JWT decoder
Decode JSON Web Tokens and inspect their header, payload, and claims — all in your browser, never sent to a server.
Handytool decodes the header and payload only. Signatures must be verified server-side with the issuer's key.
About the JWT decoder
Handytool's JWT decoder parses any JSON Web Token into its header and payload, highlights the standard claims (iss, sub, aud, iat, exp, nbf), and shows whether the token has already expired. Because decoding is purely local, you can paste real access tokens and session tokens without them leaving your device. Useful when debugging auth flows, OAuth integrations, or third-party APIs that hand back opaque-looking JWTs.
JWT decoder features
- 01
Header, payload, and claims at a glance
The decoder splits your JWT into its three segments, pretty-prints the header and payload as JSON, and shows standard claims — algorithm, subject, issuer, audience, issued-at, expiry — in a compact summary above the raw output.
- 02
Expiry and timing checks
The exp claim is translated to an ISO timestamp and tagged as valid or expired relative to your current clock. Same for nbf (not-before) and iat (issued-at). No more manual Unix-to-Date conversions.
- 03
Decoder only — never uploaded
Tokens are decoded in your browser using native atob. Nothing is ever sent to a server. Safe for pasting production JWTs, API access tokens, or session cookies while debugging.
JWT decoder FAQ
- What is a JWT?
- A JSON Web Token is a compact, URL-safe token format made of three Base64URL-encoded segments separated by dots: a header (algorithm and type), a payload (the claims), and a signature. JWTs are widely used for authentication, authorization, and short-lived API access.

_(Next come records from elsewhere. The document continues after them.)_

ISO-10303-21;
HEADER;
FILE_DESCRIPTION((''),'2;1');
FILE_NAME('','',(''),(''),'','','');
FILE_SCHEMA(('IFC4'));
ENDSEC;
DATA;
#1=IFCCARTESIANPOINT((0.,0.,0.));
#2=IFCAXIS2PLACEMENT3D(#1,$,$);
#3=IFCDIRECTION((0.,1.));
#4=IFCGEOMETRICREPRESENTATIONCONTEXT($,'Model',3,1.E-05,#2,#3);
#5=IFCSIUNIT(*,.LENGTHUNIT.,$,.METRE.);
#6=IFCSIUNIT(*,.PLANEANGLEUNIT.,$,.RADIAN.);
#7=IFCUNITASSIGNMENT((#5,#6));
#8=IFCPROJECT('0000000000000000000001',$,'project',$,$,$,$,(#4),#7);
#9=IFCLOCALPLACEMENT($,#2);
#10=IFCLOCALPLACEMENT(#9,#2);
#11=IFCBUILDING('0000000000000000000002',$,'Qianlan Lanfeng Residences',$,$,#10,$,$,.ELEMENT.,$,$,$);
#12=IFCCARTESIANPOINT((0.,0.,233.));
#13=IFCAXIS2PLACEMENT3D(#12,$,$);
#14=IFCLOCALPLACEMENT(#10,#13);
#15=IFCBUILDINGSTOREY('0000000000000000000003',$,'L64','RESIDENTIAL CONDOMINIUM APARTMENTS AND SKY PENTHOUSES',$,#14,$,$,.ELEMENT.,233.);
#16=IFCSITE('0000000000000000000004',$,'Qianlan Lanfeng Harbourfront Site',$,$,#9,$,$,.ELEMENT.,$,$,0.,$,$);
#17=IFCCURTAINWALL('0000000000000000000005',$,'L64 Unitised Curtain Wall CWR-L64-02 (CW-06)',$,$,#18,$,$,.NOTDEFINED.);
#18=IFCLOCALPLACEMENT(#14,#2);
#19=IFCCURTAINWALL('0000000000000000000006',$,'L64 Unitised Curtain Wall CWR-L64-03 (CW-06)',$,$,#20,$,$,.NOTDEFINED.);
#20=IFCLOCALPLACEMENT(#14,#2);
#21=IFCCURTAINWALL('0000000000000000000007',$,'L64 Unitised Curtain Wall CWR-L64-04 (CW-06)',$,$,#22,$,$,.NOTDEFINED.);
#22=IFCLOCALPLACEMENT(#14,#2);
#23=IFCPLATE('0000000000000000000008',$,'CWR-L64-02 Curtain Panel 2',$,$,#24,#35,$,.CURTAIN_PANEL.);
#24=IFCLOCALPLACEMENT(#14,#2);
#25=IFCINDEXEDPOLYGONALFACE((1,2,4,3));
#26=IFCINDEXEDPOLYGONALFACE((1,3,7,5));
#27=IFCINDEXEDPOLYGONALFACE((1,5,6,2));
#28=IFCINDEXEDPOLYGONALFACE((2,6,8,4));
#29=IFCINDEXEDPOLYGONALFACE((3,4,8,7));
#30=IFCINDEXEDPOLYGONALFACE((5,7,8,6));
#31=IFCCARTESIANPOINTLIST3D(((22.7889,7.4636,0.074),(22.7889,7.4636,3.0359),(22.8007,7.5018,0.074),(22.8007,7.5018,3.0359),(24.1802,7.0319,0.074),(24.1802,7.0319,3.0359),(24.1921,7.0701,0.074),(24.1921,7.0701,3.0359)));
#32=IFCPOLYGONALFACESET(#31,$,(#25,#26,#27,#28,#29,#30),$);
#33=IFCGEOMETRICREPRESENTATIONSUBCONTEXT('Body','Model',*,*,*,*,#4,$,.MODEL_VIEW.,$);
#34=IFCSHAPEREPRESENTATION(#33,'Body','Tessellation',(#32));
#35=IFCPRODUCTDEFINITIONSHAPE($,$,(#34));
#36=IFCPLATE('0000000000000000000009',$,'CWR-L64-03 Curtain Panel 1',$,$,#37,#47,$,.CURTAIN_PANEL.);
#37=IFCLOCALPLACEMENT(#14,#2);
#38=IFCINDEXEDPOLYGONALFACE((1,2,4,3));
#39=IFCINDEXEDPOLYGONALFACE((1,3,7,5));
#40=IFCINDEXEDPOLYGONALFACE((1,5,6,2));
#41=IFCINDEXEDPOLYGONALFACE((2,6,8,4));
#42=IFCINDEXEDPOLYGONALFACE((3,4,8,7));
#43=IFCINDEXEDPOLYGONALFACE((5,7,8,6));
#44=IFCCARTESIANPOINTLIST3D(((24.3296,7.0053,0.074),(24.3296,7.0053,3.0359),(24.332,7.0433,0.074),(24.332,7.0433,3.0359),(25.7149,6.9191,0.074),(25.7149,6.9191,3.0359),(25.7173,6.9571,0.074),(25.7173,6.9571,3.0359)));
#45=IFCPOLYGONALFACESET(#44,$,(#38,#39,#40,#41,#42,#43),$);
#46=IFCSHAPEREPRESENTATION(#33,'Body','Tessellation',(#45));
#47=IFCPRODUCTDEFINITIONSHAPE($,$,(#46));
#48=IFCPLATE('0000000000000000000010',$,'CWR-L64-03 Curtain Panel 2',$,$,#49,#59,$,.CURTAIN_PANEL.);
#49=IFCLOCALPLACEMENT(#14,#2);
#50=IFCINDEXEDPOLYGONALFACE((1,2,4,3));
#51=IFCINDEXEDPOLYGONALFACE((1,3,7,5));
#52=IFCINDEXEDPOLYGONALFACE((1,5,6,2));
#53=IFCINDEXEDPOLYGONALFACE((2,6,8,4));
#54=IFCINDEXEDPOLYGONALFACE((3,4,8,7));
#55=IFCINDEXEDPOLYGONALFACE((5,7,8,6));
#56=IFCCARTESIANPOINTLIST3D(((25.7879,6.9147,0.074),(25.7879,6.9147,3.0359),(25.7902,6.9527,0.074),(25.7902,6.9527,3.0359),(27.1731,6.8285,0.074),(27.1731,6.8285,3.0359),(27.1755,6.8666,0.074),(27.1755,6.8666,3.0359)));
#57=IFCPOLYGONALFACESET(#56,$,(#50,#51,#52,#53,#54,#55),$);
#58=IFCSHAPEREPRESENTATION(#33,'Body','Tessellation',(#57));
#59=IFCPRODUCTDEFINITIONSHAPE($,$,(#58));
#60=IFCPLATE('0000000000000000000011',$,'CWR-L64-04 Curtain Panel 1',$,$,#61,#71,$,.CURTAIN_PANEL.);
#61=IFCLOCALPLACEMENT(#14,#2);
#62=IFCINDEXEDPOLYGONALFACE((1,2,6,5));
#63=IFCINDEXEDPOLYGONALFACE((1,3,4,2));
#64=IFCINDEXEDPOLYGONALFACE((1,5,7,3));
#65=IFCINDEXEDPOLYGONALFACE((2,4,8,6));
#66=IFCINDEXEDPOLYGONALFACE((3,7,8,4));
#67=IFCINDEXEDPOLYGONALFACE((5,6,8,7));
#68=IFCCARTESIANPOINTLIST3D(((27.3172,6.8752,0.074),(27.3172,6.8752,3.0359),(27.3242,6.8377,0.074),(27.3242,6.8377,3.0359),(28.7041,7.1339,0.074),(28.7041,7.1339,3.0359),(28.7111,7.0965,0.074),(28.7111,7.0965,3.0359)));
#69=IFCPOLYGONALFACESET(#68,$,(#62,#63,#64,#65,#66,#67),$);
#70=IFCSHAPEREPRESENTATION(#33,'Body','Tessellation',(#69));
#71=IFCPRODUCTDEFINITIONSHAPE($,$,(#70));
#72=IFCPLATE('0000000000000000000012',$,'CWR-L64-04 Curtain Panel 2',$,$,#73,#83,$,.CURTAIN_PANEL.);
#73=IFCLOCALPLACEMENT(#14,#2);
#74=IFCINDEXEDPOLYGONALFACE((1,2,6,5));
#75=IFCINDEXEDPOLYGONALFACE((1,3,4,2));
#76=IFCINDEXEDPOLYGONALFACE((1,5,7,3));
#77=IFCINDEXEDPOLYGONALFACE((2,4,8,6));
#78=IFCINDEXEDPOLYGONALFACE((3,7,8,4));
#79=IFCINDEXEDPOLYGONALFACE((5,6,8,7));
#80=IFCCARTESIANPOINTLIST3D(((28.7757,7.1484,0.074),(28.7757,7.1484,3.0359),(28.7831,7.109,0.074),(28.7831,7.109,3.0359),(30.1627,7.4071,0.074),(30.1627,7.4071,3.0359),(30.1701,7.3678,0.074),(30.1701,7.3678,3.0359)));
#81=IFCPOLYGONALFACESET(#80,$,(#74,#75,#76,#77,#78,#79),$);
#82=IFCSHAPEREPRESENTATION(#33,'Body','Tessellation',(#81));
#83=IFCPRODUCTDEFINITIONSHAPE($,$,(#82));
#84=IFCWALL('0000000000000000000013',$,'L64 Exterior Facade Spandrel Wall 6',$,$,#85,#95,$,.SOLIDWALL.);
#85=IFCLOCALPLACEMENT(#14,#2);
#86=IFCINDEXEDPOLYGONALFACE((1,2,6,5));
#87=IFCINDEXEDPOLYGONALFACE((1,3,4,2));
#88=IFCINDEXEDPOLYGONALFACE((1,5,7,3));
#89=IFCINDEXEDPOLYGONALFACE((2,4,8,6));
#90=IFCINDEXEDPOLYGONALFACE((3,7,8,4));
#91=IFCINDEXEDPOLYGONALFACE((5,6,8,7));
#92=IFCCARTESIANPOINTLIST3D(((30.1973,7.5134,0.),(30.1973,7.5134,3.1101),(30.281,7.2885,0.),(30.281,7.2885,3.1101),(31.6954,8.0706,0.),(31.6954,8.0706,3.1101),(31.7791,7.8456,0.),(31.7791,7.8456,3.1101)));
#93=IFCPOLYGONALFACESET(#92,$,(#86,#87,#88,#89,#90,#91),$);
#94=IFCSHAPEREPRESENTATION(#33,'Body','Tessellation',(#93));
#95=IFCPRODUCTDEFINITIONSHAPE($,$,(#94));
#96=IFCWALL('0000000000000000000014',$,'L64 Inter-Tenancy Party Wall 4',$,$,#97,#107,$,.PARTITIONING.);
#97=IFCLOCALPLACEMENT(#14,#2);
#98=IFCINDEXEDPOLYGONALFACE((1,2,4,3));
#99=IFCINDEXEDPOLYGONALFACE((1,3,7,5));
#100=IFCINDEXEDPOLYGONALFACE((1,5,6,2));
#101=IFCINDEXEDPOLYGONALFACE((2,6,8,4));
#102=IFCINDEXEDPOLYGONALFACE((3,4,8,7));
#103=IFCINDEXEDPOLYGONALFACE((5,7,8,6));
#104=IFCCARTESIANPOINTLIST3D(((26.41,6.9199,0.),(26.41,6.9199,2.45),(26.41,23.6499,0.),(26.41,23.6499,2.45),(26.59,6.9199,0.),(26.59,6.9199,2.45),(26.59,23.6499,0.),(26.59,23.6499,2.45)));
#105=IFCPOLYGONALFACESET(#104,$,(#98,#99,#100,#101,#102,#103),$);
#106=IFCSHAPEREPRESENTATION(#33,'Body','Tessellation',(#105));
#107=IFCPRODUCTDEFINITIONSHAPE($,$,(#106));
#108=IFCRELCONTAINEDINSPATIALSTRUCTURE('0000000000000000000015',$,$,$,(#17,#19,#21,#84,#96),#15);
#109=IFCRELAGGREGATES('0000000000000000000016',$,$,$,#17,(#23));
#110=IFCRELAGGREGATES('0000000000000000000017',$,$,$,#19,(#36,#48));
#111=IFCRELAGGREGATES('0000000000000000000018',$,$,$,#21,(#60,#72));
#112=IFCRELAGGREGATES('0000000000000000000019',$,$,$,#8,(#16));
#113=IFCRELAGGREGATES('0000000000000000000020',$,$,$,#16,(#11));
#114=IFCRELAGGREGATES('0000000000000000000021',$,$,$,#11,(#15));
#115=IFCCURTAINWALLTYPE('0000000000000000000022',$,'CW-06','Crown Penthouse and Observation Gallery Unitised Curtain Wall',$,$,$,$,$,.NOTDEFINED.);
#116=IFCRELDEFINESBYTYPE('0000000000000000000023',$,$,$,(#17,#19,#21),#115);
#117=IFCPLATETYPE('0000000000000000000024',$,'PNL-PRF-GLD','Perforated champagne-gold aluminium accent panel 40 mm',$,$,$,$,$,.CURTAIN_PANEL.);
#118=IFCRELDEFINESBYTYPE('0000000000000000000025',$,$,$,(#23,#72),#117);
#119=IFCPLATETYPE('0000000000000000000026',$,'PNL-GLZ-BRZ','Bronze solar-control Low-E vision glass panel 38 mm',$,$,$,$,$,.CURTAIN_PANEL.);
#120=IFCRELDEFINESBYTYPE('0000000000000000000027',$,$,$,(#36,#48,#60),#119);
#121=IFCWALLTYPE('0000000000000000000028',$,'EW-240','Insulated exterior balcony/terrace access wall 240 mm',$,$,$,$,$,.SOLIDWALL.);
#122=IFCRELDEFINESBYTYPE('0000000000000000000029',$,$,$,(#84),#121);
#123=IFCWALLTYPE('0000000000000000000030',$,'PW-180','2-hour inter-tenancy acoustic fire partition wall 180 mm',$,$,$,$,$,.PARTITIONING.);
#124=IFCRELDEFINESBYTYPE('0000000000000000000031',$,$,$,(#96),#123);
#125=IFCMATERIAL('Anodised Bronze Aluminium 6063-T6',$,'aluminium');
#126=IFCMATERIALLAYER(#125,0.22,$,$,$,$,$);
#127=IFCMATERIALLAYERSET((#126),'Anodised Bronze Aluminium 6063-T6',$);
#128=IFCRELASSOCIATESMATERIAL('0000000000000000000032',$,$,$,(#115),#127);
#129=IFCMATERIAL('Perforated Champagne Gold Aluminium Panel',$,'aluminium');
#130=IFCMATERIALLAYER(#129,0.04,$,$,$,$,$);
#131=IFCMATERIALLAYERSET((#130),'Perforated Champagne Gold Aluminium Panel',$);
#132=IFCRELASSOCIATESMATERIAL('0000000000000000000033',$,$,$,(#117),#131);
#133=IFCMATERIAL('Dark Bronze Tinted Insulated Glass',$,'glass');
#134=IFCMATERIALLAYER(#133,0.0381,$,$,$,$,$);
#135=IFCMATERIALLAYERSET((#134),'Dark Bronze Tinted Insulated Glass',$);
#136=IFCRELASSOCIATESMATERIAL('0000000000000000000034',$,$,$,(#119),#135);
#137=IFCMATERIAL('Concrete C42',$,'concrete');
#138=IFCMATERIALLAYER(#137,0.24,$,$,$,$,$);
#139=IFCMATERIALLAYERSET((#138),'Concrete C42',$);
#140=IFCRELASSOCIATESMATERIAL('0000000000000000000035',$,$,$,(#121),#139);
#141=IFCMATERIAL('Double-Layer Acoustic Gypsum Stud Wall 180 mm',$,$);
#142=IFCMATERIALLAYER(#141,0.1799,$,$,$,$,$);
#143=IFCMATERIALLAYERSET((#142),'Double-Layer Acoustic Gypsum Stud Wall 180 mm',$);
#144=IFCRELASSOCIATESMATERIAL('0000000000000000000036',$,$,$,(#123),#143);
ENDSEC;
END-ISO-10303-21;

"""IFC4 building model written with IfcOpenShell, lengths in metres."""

from ifc_helpers import new_model, si_unit, direction, frame, frame_2d, origin, origin_2d, place, context, subcontext, project, spatial, rectangle, extrude, source, transform, mapped, material, layer, layer_set, type_object, element, aggregate, save


model = new_model("IFC4")

# Units and contexts
model_context = context("Model", 3, precision=1e-05, world=origin(), true_north=direction((0.0, 1.0)))
body_context = subcontext(model_context, "Body", "Model", "MODEL_VIEW")
ifc_project = project(units=[si_unit("LENGTHUNIT", "METRE"), si_unit("PLANEANGLEUNIT", "RADIAN")], contexts=[model_context])

# Site, building, storey
site_placement = place(None, origin())
site = spatial("IfcSite", under=ifc_project, at=site_placement, Name="Qianlan Lanfeng Harbourfront Site", CompositionType="ELEMENT", RefElevation=0.0)
building_placement = place(site_placement, origin())
building = spatial("IfcBuilding", under=site, at=building_placement, Name="Qianlan Lanfeng Residences", CompositionType="ELEMENT")
storey_placement = place(building_placement, frame((0.0, 0.0, 233.0)))
storey = spatial("IfcBuildingStorey", under=building, at=storey_placement, Name="L64", Description="RESIDENTIAL CONDOMINIUM APARTMENTS AND SKY PENTHOUSES", CompositionType="ELEMENT", Elevation=233.0)

# Curtain wall
ifc_material_1 = material(Name="Anodised Bronze Aluminium 6063-T6", Category="aluminium")
ifc_layer_1 = layer(ifc_material_1, 0.22)
ifc_layer_set_1 = layer_set([ifc_layer_1], Name="Anodised Bronze Aluminium 6063-T6")
curtain_wall_type = type_object("IfcCurtainWallType", Name="CW-06", Description="Crown Penthouse and Observation Gallery Unitised Curtain Wall", PredefinedType="NOTDEFINED", material=ifc_layer_set_1)
curtain_wall_1_placement = place(storey_placement, origin())
curtain_wall_1 = element("IfcCurtainWall", 1, at=curtain_wall_1_placement, inside=storey, type_object=curtain_wall_type, Name="L64 Unitised Curtain Wall CWR-L64-02 (CW-06)", PredefinedType="NOTDEFINED")

# Curtain walls
curtain_wall_2_placement = place(storey_placement, origin())
curtain_wall_2 = element("IfcCurtainWall", 2, at=curtain_wall_2_placement, inside=storey, type_object=curtain_wall_type, Name="L64 Unitised Curtain Wall CWR-L64-03 (CW-06)", PredefinedType="NOTDEFINED")
curtain_wall_3_placement = place(storey_placement, origin())
curtain_wall_3 = element("IfcCurtainWall", 3, at=curtain_wall_3_placement, inside=storey, type_object=curtain_wall_type, Name="L64 Unitised Curtain Wall CWR-L64-04 (CW-06)", PredefinedType="NOTDEFINED")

- Does this decoder verify the signature?
- No. The decoder only parses the header and payload to show what's inside. Signature verification requires the issuer's secret or public key, which must stay on your server — never paste it into a web tool. Verify signatures server-side in your app.
- Is it safe to paste a real JWT here?
- Decoding happens entirely in your browser — the token is never transmitted. However, JWTs are not encrypted (anyone with the token can read the claims), so treat them like passwords: don't share them, don't commit them, and rotate them if they leak.
- Why is the signature shown but not verified?
- The signature is displayed so you can compare it with what your server produces during debugging. Actual verification requires the signing key (HMAC secret or RSA/EC public key), which the decoder has no access to and shouldn't.
- What does "exp" mean?
- exp is the expiration claim — a Unix timestamp after which the token should be rejected. The decoder converts it to an ISO timestamp and shows a green tag if it's still in the future, or a red tag if the token has already expired.